There remains for our consideration the matter of the discipline imposed for Claimant's dereliction. The Carrier's asserted prerogative in assessing discipline is not absolute. While the Board is not warranted in

10953-3 767

disturbing the penalty imposed merely because it might have assessed a different penalty, awards of this Board clearly show that the Board will not hesitate to reduce or remove discipline which it regards as excessive or unreasonable. Among others are the following awards: 4722, 4829, 4942, 5849, 6074 and 6994. One of the factors to be considered is the seriousness of the offense. Here the offense was a relatively minor one. The damage to Carrier's property was slight, repairs were quickly made and at a nominal cost. There was no interference with Carrier's operations. There was also an apparent misunderstanding on the part of Claimant according to testimony of the Roadmaster's Clerk. Another factor worthy of note is that no discipline was assessed against the telegrapher-clerk who saw the incident and who made no report, and who had been charged with failing to make a report. While the failure of others to perform their duties does not excuse Claimant's failure to comply with the rules, the fact that Carrier took no action against others does lend some support to the Organization's contention that Carrier seized upon this incident to get rid of Claimant.

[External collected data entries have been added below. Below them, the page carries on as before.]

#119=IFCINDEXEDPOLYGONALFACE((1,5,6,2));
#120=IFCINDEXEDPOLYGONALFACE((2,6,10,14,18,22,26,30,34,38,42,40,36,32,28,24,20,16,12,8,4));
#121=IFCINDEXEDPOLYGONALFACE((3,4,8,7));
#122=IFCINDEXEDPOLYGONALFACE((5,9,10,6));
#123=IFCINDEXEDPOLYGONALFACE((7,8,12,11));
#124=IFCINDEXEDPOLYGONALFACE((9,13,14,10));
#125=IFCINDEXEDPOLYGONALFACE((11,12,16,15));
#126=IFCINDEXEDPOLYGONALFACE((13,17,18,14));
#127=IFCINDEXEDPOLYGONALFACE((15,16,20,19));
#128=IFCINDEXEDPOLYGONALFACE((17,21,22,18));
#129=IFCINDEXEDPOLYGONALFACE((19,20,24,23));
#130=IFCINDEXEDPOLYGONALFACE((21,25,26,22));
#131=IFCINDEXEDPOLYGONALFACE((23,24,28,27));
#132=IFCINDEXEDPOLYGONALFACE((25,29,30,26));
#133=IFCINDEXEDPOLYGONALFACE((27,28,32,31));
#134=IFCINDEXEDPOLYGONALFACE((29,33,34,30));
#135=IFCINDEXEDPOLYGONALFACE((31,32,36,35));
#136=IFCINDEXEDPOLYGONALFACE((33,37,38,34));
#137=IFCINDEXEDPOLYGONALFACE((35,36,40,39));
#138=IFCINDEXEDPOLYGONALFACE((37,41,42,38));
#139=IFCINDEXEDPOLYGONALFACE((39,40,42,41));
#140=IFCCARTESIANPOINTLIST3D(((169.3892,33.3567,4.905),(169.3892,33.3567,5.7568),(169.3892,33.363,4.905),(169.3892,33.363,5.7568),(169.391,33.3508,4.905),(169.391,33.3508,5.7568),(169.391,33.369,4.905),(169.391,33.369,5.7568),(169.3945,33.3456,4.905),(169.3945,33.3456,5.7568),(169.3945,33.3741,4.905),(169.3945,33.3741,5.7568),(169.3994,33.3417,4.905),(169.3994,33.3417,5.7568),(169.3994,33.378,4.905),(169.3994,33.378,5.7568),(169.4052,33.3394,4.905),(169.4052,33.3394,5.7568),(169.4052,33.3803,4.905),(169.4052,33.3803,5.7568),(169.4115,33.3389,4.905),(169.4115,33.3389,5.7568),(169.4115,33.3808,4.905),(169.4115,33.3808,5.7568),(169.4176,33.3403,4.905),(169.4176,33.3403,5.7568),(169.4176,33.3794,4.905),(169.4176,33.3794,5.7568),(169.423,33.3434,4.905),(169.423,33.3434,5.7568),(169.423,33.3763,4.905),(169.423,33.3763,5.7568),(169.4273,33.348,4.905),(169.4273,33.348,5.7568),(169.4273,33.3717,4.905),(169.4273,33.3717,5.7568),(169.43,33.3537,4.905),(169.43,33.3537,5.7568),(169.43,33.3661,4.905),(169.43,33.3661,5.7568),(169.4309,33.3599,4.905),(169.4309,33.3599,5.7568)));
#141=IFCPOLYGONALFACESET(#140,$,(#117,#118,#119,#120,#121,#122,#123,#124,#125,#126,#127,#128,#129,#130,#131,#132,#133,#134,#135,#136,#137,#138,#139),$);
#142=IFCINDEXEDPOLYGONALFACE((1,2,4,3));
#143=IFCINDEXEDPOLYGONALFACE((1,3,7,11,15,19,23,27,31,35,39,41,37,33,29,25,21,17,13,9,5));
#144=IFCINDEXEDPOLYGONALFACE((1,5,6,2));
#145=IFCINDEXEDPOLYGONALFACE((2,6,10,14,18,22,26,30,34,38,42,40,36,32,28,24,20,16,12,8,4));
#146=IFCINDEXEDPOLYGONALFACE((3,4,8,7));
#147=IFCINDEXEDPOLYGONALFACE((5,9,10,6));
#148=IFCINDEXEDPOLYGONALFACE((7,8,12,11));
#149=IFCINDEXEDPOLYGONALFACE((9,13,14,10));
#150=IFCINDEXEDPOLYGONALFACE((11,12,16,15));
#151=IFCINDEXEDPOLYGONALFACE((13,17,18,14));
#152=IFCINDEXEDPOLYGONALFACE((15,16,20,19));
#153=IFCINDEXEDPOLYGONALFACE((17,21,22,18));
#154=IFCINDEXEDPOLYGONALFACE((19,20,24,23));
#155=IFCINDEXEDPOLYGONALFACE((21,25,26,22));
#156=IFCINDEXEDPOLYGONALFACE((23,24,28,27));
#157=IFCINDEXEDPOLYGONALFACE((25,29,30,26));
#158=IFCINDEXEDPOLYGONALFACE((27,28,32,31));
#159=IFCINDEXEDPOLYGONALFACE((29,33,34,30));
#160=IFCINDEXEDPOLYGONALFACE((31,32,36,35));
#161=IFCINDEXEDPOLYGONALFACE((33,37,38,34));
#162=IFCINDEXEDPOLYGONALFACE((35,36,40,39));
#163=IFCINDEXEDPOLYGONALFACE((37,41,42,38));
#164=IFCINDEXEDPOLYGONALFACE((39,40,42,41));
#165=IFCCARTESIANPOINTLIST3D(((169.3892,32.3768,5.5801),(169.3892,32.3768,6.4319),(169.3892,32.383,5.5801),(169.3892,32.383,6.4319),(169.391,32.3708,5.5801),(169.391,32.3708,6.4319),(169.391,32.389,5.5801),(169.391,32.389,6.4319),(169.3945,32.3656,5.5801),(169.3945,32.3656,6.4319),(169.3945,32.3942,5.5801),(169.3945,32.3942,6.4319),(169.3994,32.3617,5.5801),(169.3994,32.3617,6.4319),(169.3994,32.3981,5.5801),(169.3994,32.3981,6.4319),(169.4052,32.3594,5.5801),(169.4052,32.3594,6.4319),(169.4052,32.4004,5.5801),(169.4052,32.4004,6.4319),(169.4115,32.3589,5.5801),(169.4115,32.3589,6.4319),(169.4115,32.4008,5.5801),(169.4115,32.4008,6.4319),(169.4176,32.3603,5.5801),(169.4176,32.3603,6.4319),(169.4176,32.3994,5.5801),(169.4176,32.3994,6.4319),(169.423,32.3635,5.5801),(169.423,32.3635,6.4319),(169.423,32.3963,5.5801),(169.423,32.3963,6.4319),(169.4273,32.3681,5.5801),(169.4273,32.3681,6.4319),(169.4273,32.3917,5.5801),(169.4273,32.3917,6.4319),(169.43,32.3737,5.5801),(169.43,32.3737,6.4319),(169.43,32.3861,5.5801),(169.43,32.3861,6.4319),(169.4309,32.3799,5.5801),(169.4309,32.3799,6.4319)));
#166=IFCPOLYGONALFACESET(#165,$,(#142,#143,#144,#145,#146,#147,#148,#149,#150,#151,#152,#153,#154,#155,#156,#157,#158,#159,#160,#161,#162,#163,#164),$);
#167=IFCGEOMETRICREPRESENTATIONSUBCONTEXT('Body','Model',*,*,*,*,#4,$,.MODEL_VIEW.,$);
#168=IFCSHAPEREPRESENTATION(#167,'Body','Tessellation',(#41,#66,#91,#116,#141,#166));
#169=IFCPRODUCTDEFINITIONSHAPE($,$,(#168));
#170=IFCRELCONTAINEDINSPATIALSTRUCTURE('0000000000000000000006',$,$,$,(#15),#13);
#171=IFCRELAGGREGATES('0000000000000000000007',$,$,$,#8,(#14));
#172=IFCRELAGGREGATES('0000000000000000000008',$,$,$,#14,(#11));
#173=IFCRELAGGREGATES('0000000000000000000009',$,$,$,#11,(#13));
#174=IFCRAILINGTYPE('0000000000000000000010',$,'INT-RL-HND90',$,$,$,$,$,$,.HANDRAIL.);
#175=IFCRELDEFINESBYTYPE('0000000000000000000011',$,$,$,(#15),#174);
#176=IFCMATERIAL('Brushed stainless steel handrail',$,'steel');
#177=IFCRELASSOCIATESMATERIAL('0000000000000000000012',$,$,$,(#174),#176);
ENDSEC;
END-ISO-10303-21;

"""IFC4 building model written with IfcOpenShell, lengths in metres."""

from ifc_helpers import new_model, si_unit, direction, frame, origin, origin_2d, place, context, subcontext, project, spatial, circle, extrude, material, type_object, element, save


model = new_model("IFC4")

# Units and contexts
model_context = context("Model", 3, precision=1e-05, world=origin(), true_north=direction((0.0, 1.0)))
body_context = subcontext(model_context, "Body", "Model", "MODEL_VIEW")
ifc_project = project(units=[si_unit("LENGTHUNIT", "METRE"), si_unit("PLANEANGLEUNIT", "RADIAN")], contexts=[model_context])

In an attempt to justify its dismissal of Claimant, Carrier has emphasized his past record, including a prior dismissal and demerits. It appears, however, that all of the instances except one occurred before Carrier placed Claimant in the responsible position of Agent at Manhattan, a position for which he was recommended by Carrier's Traffic Manager and General Manager. Under the circumstances it must be taken as fact that Carrier considered Claimant well qualified for that position and is, therefore, estopped from relying on prior acts of Claimant to support its action here. The only entry on Claimant's record after he was made Agent at Manhattan was some demerits for failure to report certain cars.


Carrier has here imposed the most severe punishment within its power-outright dismissal-far a relatively minor dereliction of duty. Under all the circumstances of the case, we regard the discipline assessed as excessive, unreasonable and an abuse of discretion on the part of the Carrier. We do not, in any way, condone the Claimant's failure to observe a reasonable rule of the Carrier and we agree that some discipline was warranted. But, in our judgment, a suspension of sixty (60) days would have been the maximum discipline justified for the dereliction involved. Claimant will, therefore, be restored to service as Agent at Manhattan as of October 11, 1960, with seniority rights unimpaired. Claim for monetary loss from October 11, 1960, is sustained, with the right of the Carrier to deduct all amounts earned by Claimant in other employment.


FINDINGS: The Third Division of the Adjustment Board, after giving the parties to this dispute due notice of hearing thereon, and upon the whole record and all the evidence, finds and holds:


That the Carrier and the Employes involved in this dispute are respectively Carrier and Employes within the meaning of the Railway Labor Act, as approved June 21, 1934;


That this Division of the Adjustment Board has jurisdiction over the dispute involved herein; and


That disciplinary action was warranted but that dismissal from service was excessive under the circumstances.

10953-4 768



    Claim sustained to the extent indicated in the opinion.


            NATIONAL RAILROAD ADJUSTMENT BOARD By Order of THIRD DIVISION


            ATTEST: S. H. Schulty

            Executive Secretary


Dated at Chicago, Illinois, this 7th day of December 1962.